Impact of the Musharraf Local Government System
David Rohde wrote in the New York Times: Under the system created in 2001, “each of the country's 79,612 nazims, or "supervisors," receive several thousand dollars in government development funds for their tiny districts, which range from a few thousand to about 30,000 people. Pressured by nazims, government doctors and teachers are now more likely to be at their posts, according to initial studies. Drugs are also available more often in public health clinics. New blood is being drawn into Pakistani politics as well. Qaim Din Khan, the son of a timber salesman, is the first person in his family to enter politics. Asked if he would like to run for Parliament someday, Mr.
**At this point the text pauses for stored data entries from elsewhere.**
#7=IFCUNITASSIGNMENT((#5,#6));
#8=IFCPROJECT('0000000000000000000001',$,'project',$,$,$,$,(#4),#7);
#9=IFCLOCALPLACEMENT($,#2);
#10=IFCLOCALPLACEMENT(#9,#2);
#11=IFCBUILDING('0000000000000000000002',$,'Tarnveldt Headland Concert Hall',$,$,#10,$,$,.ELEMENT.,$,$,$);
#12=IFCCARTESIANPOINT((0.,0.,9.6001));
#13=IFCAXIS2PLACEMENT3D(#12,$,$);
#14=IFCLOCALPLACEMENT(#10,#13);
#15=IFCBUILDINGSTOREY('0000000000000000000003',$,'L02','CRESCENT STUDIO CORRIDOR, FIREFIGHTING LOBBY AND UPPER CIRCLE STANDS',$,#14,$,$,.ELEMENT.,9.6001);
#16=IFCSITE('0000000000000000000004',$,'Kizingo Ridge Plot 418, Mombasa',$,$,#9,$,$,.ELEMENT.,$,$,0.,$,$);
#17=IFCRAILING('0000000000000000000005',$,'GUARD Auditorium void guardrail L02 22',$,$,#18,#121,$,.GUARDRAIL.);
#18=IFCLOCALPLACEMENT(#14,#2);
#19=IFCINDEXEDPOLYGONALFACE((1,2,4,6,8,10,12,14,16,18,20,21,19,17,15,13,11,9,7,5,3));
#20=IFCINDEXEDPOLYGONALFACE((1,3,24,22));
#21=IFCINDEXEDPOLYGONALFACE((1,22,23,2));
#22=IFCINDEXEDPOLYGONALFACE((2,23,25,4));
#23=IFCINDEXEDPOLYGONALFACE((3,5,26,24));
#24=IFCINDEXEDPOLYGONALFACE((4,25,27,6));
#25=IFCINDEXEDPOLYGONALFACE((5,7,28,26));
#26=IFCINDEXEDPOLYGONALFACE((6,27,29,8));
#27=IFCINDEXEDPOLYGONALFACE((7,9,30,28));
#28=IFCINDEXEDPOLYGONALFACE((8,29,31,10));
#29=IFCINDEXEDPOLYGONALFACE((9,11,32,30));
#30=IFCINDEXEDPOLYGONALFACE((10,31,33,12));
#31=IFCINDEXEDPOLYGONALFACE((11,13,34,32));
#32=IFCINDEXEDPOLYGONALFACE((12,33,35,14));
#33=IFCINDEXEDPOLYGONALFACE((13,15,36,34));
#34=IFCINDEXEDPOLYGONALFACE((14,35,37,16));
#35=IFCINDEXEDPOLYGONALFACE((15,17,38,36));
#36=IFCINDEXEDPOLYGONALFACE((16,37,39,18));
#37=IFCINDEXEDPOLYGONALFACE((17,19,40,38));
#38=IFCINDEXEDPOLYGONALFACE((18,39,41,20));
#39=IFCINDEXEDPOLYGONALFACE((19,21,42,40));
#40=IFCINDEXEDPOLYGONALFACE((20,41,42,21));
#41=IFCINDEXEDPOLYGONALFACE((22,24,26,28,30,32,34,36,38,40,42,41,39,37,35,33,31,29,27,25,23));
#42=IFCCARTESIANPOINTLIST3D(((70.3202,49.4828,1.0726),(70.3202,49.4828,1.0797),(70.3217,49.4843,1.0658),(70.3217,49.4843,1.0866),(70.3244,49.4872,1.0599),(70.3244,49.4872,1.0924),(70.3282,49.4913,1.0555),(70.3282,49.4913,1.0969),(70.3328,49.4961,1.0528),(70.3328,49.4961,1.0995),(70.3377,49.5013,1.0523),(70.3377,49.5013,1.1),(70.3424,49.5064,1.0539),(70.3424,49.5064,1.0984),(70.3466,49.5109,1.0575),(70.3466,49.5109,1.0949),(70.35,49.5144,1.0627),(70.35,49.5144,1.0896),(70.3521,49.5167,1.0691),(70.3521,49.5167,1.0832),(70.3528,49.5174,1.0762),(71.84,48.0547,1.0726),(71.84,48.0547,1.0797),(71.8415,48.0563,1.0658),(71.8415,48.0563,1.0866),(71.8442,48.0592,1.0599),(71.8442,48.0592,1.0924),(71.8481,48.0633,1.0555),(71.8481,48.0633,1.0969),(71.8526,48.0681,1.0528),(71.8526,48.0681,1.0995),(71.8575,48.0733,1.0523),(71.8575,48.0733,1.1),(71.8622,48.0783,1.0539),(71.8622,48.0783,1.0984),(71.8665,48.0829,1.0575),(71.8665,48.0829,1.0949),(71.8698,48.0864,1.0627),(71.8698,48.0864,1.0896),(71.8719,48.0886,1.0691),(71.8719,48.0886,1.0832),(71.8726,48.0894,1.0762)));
Khan, the father of seven, grinned and replied, "Yes, why not?" [Source: David Rohde, New York Times, August 23, 2005]
“American officials and Pakistani moderates hope that a more efficient, effective and accountable government will weaken the appeal of militant Islam in Pakistan.... Islamist political parties, which won record support in 2002 national elections, argue that Western democracy has failed in the country. They say only an Islamic government can create the steady jobs, effective policing and quality schools that Pakistanis crave. "In Pakistan, the rich people are getting richer and richer," said Faridullah Karimi, a 24-year-old shopkeeper in Mr. Khan's district. "The poor people, they stay poor."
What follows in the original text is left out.